Now, we will use the CLI tool. Find it in the bin
directory of the CSW application package available with the release as csw-alarm-cli
.
Use the init
command to initialize the Alarm Store (this assumes csw-services is running, which sets up the Redis store for alarms).
csw-alarm-cli init $PROJECTDIR/sample-deploy/src/main/resources/alarms.conf --local
where $PROJECTDIR
is the root directory of your sample project. The --local
flag indicates the configuration file is obtains from disk; omitting it would attempt to find the file in the Configuration Service, as would be done during operations.

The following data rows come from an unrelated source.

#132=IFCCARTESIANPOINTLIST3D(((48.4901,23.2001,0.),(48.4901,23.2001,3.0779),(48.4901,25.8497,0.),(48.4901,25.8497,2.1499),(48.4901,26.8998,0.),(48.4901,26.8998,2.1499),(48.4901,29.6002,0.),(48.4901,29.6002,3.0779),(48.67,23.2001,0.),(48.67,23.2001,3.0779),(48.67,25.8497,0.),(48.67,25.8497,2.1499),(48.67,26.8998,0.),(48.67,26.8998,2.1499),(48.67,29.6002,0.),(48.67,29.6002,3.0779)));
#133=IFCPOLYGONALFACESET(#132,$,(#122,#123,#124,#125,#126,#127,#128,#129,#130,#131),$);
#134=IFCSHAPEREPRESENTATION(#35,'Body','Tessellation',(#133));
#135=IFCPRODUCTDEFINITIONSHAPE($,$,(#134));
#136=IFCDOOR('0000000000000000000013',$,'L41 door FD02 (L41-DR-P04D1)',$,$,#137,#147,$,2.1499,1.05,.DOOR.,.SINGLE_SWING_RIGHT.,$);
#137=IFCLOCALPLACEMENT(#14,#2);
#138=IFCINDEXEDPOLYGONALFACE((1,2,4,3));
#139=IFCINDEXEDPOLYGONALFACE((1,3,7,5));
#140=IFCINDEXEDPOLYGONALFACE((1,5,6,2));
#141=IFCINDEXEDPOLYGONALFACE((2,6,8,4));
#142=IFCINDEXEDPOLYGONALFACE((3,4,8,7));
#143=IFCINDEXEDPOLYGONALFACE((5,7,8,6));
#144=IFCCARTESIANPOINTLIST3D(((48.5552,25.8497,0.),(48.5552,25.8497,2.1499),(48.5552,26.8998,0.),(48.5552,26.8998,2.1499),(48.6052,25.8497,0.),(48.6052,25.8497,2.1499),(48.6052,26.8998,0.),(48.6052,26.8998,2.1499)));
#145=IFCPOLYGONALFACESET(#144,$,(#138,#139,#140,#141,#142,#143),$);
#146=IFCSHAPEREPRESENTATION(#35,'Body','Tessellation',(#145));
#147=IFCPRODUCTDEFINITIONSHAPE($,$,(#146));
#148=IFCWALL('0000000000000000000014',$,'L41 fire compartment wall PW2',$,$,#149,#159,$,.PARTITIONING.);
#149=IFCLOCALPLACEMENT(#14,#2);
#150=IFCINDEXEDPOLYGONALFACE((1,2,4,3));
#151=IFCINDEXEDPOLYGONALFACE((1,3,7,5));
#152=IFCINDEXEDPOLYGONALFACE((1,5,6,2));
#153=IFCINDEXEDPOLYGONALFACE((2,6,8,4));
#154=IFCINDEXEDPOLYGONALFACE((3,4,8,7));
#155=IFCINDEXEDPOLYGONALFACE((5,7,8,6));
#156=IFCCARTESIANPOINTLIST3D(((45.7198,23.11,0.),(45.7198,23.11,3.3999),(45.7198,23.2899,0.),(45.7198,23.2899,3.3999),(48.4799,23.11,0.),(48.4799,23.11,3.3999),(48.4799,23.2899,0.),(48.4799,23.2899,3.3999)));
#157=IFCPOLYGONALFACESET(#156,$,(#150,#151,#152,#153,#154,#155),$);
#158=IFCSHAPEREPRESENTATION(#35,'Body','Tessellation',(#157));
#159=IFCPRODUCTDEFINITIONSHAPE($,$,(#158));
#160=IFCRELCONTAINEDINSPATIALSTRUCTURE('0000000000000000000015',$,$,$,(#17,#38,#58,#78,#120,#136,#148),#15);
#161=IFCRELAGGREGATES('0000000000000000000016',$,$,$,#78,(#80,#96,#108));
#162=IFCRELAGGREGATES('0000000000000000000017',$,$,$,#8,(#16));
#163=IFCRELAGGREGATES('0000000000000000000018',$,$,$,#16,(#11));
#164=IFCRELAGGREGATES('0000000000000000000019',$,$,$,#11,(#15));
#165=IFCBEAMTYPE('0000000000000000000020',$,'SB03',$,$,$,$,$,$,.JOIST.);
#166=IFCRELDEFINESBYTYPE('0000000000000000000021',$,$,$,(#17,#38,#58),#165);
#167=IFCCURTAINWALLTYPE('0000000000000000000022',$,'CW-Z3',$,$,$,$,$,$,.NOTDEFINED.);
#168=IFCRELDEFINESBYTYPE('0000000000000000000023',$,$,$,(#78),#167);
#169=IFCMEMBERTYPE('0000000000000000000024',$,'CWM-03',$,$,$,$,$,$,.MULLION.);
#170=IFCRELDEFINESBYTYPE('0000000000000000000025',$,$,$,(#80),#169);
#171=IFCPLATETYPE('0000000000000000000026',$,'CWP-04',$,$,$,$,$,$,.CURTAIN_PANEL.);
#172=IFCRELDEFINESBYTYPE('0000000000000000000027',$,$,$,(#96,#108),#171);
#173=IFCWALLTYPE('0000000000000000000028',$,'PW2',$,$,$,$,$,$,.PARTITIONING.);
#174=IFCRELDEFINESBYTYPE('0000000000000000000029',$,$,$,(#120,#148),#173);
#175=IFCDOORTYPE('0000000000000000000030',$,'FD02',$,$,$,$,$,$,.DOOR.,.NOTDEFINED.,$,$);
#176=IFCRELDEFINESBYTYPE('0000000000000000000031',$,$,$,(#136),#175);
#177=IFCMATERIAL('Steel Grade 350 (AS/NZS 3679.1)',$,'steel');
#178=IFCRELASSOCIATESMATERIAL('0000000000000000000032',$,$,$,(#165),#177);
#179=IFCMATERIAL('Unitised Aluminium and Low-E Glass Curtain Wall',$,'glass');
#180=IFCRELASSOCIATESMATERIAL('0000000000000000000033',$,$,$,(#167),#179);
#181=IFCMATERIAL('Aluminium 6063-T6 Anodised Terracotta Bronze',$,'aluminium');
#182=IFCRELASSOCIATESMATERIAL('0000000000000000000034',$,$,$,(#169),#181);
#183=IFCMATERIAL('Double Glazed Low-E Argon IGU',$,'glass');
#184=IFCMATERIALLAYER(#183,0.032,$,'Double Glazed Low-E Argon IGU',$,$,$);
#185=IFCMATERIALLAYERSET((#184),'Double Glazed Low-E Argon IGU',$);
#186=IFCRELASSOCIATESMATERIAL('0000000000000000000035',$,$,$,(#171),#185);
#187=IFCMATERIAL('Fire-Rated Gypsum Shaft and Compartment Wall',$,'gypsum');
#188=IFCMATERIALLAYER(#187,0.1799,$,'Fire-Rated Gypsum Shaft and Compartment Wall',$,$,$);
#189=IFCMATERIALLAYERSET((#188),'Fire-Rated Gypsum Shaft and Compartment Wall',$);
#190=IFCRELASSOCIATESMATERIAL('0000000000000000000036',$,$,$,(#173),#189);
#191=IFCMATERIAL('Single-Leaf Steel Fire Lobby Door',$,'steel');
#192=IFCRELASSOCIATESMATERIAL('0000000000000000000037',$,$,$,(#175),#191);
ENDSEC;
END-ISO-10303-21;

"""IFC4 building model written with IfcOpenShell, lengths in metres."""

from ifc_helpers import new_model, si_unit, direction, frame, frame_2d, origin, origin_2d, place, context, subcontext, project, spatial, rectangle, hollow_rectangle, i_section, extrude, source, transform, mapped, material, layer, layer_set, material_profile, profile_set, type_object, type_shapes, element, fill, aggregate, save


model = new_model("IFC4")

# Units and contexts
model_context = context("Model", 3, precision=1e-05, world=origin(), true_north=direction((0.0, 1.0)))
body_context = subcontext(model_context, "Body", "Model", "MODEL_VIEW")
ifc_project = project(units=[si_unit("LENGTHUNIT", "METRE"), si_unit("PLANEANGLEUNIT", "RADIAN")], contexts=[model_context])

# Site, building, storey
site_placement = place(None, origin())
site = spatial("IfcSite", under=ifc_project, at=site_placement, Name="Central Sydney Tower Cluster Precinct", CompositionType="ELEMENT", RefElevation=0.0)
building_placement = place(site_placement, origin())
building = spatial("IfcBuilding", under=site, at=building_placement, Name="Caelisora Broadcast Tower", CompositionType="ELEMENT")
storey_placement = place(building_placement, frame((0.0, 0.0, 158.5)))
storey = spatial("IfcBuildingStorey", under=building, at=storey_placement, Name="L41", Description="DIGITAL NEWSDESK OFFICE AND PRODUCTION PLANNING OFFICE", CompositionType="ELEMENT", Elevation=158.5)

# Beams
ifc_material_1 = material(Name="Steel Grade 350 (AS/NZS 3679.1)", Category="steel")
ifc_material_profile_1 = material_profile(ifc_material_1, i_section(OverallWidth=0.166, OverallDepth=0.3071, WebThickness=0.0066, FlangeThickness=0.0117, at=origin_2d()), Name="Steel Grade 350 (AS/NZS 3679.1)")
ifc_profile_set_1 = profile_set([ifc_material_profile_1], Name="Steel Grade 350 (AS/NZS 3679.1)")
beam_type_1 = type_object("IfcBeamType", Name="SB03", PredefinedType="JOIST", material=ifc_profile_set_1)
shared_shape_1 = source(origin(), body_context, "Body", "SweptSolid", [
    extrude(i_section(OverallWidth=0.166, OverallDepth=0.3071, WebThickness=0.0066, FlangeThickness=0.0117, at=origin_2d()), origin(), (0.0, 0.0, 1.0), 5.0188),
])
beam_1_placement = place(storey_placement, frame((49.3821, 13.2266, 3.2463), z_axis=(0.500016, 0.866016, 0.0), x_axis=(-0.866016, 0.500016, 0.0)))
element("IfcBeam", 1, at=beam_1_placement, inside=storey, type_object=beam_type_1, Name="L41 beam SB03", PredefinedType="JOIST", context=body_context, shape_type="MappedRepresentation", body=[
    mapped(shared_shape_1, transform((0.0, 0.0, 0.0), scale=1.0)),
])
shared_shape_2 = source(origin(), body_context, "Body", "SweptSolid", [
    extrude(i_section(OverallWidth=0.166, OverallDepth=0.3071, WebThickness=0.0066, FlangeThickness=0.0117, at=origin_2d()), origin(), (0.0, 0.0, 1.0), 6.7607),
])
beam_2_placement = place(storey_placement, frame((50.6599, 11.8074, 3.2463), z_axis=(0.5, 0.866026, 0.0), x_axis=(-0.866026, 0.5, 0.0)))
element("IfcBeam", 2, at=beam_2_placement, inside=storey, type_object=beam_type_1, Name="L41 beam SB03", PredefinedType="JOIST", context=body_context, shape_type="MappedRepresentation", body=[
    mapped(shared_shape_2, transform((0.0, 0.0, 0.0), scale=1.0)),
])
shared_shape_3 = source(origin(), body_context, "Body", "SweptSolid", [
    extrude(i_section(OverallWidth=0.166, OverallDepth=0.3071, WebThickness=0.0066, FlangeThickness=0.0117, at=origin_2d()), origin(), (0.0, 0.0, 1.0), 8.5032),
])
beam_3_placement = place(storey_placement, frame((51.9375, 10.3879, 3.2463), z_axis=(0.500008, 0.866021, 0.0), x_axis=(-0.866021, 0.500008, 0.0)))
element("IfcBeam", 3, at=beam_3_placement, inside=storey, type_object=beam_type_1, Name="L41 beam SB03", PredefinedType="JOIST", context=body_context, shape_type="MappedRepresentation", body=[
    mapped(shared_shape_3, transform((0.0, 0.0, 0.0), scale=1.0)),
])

Now we will add code to our assembly to publish an alarm severity on every counter event. Let’s create some logic to take the counter as an argument and generate an alarm:
- Scala
-
source
private val safeRange = 0 to 10 private val warnRange = 11 to 15 private val majorRange = 16 to 20 private def getCounterSeverity(counter: Int) = counter match { case x if safeRange contains x => AlarmSeverity.Okay case x if warnRange contains x => AlarmSeverity.Warning case x if majorRange contains x => AlarmSeverity.Major case _ => AlarmSeverity.Critical } private val counterAlarmKey = AlarmKey(componentInfo.prefix, "CounterTooHighAlarm") private def setCounterAlarm(counter: Int): Unit = { // fire alarm according to counter value val severity = getCounterSeverity(counter) alarmService.setSeverity(counterAlarmKey, severity).onComplete { case Success(_) => log.info(s"Severity for alarm ${counterAlarmKey.name} set to " + severity.toString) case Failure(ex) => log.error(s"Error setting severity for alarm ${counterAlarmKey.name}: ${ex.getMessage}") } }
- Java
-
source
private AlarmSeverity getCounterSeverity(int counter) { if (counter >= 0 && counter <= 10) { return JAlarmSeverity.Okay; } else if (counter >= 11 && counter <= 15) { return JAlarmSeverity.Warning; } else if (counter >= 16 && counter <= 20) { return JAlarmSeverity.Major; } return JAlarmSeverity.Critical; } private void setCounterAlarm(int counter) { AlarmKey counterAlarmKey = new AlarmKey(cswCtx.componentInfo().prefix(), "CounterTooHighAlarm"); AlarmSeverity severity = getCounterSeverity(counter); cswCtx.alarmService().setSeverity(counterAlarmKey, severity) .whenComplete((d, ex) -> { if (ex != null) { log.error("Error setting severity for alarm " + counterAlarmKey.name() + ": " + ex.getMessage()); } else { log.info("Severity for alarm " + counterAlarmKey.name() + " set to " + severity.toString()); } }); }
This code determines the severity of the alarm based on the rules we established above:
Okay
: 0-10Warning
: 11-15Major
: 16-20Critical
: any other value
Now, all we have to do is call this whenever we receive a counter event. We add a call to the setCounterAlarm
method in the processEvent
method:
- Scala
-
source
private def processEvent(event: Event): Unit = { log.info(s"Event received: ${event.eventKey}") event match { case e: SystemEvent => e.eventKey match { case `counterEventKey` => val counter = e(hcdCounterKey).head log.info(s"Counter = $counter") setCounterAlarm(counter) case _ => log.warn("Unexpected event received.") } case _: ObserveEvent => log.warn("Unexpected ObserveEvent received.") // not expected } }
- Java
-
source
private void processEvent(Event event) { log.info("Event received: " + event.eventKey()); if (event instanceof SystemEvent) { SystemEvent sysEvent = (SystemEvent) event; if (event.eventKey().equals(counterEventKey)) { int counter = sysEvent.parameter(hcdCounterKey).head(); log.info("Counter = " + counter); setCounterAlarm(counter); } else { log.warn("Unexpected event received."); } } else { // ObserveEvent, not expected log.warn("Unexpected ObserveEvent received."); } }
To see the effect, let’s use the CLI to set up a subscription to the alarm. Note the alarm key is the component’s prefix (csw.sample
), and the alarm name (counterTooHighAlarm
).
- Scala
-
csw-alarm-cli severity subscribe --subsystem csw --component sample --name counterTooHighAlarm
- Java
-
csw-alarm-cli severity subscribe --subsystem csw --component sample --name counterTooHighAlarm
Note that the alarm severity is currently Disconnected
. This is the appropriate state, since we are not running the components. Now, run the Assembly and HCD, and you will see the severity of our alarm updated in the CLI as the severity changes.